The Role of Social Support in Coping

  • Social support is protective against stress, including:

    • Emotional Support: Addresses the feelings surrounding the stressor.

    • Appraisal Support: Facilitates the evaluation of the stressor.

    • Informational Support: Provides information useful for coping.

    • Instrumental Support: Assistance with tasks to cope with stressors.

  • The effectiveness of social support is attributed to:

    • Hormonal activation (e.g., oxytocin) that occurs during social interactions, inhibiting cortisol production.

    • Boosting the immune system and enhancing an individual's sense of identity and meaning, along with allowing the release of negative emotions.

Additional Protective Factors Against Stress

  • Strategies for positivity and resilience include:

    • Creating opportunities for positive emotions, which can help broaden perspectives and build resilience (Fredrickson, 2001).

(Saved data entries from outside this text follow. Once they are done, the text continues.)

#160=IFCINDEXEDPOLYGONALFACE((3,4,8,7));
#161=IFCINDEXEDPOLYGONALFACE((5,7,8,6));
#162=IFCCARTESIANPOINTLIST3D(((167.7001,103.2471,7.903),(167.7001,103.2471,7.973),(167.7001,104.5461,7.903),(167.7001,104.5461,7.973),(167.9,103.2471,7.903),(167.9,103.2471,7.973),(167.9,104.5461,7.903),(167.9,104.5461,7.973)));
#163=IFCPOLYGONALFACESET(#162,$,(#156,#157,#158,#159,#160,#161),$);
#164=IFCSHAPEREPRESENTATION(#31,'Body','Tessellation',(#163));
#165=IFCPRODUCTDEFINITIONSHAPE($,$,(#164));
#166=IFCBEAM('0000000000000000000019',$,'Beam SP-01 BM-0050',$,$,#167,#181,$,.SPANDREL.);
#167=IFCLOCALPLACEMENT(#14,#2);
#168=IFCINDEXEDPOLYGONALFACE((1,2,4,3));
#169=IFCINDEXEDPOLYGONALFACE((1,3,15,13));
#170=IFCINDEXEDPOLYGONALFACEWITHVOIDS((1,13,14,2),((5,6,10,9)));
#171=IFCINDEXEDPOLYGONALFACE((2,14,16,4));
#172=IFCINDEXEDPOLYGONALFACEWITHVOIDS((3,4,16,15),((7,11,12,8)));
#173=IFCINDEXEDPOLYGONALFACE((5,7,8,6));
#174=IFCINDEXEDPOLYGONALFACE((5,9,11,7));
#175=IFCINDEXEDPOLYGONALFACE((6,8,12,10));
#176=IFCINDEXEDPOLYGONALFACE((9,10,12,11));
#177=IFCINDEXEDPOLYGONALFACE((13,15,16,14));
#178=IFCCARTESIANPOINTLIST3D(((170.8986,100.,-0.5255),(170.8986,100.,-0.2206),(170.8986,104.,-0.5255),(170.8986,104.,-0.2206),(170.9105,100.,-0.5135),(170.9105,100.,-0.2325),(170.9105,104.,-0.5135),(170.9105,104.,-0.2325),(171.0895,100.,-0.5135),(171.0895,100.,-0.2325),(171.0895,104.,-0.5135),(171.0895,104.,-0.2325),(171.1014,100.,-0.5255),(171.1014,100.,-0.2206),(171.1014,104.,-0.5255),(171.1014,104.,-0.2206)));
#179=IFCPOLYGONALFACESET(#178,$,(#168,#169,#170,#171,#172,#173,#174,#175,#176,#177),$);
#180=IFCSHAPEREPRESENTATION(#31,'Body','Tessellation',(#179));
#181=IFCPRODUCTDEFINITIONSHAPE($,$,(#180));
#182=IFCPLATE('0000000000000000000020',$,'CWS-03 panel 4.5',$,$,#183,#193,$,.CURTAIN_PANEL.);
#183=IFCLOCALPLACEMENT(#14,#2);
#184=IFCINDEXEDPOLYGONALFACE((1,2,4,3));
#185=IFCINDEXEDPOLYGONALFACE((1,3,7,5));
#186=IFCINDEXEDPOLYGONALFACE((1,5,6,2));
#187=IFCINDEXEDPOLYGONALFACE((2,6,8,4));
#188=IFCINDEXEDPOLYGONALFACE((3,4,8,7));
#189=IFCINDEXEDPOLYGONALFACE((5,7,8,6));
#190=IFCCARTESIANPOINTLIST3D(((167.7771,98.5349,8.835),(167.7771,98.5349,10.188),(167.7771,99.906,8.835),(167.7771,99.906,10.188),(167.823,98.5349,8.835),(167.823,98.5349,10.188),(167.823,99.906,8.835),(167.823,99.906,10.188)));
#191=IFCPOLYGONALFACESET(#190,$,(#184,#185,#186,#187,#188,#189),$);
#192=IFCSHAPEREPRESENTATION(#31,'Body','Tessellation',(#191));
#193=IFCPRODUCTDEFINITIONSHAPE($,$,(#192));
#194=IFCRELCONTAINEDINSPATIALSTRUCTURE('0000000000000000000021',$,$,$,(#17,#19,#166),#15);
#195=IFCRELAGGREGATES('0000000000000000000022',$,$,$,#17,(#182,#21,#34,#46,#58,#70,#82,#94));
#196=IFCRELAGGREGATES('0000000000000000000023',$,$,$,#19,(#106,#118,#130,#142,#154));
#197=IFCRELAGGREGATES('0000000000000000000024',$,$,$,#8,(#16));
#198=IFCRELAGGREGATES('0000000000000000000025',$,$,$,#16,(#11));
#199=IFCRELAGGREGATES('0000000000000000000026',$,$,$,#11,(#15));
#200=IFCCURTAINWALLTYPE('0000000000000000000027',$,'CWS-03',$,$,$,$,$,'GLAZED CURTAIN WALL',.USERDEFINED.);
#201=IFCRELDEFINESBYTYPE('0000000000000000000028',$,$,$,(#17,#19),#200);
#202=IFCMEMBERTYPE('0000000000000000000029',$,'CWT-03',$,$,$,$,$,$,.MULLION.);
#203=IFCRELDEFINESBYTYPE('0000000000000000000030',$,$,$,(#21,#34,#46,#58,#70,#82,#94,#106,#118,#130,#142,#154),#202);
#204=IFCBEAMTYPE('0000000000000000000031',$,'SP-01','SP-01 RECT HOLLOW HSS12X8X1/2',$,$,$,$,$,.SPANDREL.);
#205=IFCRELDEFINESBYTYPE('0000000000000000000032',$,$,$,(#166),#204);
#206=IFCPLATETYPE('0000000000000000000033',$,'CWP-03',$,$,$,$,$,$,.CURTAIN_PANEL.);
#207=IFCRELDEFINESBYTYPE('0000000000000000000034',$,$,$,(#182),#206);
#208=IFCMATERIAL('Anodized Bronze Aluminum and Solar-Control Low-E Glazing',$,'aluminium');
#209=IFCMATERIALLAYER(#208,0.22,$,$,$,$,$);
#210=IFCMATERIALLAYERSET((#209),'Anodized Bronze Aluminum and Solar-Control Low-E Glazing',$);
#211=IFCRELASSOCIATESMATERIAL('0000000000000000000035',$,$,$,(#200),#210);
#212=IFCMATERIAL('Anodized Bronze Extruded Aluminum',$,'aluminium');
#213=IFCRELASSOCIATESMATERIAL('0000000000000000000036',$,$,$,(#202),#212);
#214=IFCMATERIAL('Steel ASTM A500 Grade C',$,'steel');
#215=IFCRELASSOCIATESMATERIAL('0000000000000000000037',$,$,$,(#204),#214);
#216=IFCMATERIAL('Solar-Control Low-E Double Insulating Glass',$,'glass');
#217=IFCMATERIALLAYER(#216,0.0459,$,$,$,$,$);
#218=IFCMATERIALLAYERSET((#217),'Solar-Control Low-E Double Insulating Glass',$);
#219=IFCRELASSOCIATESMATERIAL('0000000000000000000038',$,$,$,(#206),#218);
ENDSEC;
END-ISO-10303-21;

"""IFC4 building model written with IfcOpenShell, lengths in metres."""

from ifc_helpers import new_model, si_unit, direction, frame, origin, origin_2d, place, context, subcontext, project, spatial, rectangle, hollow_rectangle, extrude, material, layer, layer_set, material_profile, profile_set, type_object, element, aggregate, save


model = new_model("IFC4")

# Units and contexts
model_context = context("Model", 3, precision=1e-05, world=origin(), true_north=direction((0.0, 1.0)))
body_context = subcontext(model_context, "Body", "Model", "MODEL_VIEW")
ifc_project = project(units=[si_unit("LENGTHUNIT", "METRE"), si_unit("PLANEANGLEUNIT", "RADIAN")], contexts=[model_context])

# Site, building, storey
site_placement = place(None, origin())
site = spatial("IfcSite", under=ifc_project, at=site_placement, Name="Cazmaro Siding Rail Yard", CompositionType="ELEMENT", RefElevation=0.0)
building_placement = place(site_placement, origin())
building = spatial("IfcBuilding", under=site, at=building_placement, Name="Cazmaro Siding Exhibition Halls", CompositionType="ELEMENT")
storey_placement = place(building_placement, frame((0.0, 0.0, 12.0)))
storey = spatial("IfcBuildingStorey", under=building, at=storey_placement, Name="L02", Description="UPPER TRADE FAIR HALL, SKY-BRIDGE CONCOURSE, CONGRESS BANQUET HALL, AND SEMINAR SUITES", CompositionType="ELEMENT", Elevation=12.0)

    • Practicing optimism by focusing on favorable outcomes.

  • Resilience is defined as the ability to recover from illness or adversity.

  • Post-traumatic growth refers to the capacity to experience long-term positive effects following negative events.

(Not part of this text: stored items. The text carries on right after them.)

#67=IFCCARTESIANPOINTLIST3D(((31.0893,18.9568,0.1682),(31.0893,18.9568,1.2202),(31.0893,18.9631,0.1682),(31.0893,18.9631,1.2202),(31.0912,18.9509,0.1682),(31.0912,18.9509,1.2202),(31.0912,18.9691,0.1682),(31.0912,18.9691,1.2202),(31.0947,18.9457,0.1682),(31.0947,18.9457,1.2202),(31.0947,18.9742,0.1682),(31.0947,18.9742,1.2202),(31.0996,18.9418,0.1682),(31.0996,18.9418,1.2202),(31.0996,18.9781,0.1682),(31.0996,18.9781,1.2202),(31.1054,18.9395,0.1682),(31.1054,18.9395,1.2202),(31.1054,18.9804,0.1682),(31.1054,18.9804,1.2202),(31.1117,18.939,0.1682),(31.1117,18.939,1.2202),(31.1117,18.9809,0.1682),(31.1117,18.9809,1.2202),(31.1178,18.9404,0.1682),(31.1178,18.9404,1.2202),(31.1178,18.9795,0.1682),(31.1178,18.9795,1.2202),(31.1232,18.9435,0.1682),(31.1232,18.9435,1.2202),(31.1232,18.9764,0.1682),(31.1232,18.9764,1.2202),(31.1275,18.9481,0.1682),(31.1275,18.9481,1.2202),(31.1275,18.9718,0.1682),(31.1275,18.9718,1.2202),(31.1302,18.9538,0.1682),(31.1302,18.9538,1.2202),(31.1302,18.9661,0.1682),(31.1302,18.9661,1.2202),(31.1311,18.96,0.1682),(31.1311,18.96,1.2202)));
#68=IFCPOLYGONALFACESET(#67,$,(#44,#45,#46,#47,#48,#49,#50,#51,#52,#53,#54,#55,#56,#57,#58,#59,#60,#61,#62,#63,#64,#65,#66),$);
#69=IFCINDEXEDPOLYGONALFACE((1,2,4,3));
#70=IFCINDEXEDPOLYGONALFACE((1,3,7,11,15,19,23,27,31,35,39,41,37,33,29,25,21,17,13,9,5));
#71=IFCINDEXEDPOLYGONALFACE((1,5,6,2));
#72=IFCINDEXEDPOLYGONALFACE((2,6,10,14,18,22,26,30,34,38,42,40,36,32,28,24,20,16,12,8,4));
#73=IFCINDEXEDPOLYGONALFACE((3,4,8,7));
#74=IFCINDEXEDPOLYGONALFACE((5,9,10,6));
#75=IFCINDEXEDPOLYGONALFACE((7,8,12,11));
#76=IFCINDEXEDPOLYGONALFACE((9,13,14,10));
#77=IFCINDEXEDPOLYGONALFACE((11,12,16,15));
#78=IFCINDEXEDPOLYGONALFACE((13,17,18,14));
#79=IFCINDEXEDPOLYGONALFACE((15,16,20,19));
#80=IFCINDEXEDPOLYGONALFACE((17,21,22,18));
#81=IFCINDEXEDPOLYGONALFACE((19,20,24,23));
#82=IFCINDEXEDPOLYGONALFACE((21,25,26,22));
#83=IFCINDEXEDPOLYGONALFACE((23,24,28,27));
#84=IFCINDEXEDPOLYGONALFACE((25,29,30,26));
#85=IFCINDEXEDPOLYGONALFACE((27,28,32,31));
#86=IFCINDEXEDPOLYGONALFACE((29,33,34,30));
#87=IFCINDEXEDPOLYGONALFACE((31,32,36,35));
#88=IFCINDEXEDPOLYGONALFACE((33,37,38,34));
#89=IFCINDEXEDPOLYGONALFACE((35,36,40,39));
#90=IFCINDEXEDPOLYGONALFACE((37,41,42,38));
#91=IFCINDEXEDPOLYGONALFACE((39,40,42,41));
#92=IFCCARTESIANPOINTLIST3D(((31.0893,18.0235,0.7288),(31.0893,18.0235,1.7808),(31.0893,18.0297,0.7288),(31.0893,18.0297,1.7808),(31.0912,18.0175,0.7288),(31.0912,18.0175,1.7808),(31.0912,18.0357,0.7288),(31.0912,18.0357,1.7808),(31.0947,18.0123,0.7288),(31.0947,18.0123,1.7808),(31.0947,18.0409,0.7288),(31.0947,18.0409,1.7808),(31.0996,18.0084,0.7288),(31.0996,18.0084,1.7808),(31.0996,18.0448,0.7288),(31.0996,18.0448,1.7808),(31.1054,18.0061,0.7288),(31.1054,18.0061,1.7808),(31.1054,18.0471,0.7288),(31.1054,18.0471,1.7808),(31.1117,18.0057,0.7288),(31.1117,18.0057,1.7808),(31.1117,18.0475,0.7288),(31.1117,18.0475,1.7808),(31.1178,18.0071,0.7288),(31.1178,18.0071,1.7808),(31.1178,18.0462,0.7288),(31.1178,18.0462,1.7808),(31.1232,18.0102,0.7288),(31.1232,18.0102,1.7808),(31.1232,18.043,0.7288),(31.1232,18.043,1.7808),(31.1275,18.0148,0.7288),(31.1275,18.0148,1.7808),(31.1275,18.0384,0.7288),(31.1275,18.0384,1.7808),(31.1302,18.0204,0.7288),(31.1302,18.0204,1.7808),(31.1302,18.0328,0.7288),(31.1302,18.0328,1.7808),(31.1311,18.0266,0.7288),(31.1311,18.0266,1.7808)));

  • Techniques to manage physical and psychological stress responses include:

    • Biofeedback: A therapeutic approach using physiological monitoring to provide feedback on bodily reactions.

    • Meditation and relaxation techniques: To focus the mind and reduce distractions.

    • Mindfulness-based stress reduction (MBSR): Enhances connection between body and mind.

    • Exercise: Both resistance training and cardiovascular activities yield health benefits, including stress reduction and enhanced self-esteem.

Importance of Perception of Control

  • The belief of lacking control can foster learned helplessness, a generalized response to perceived uncontrollable stressors.

  • A sense of control is associated with improved physical and mental well-being.

Vulnerability Factors to Monitor

  • Certain factors may hinder effective coping strategies, including:

    • Emotional-focused coping tends to ignore the situation rather than address it.

    • Character traits of Type A personalities (such as aggression, competitiveness, and a quick temper) can correlate with negative health outcomes.

    • Lifestyle choices like poor dietary habits and substance abuse (drugs, alcohol, smoking) are detrimental to coping effectively.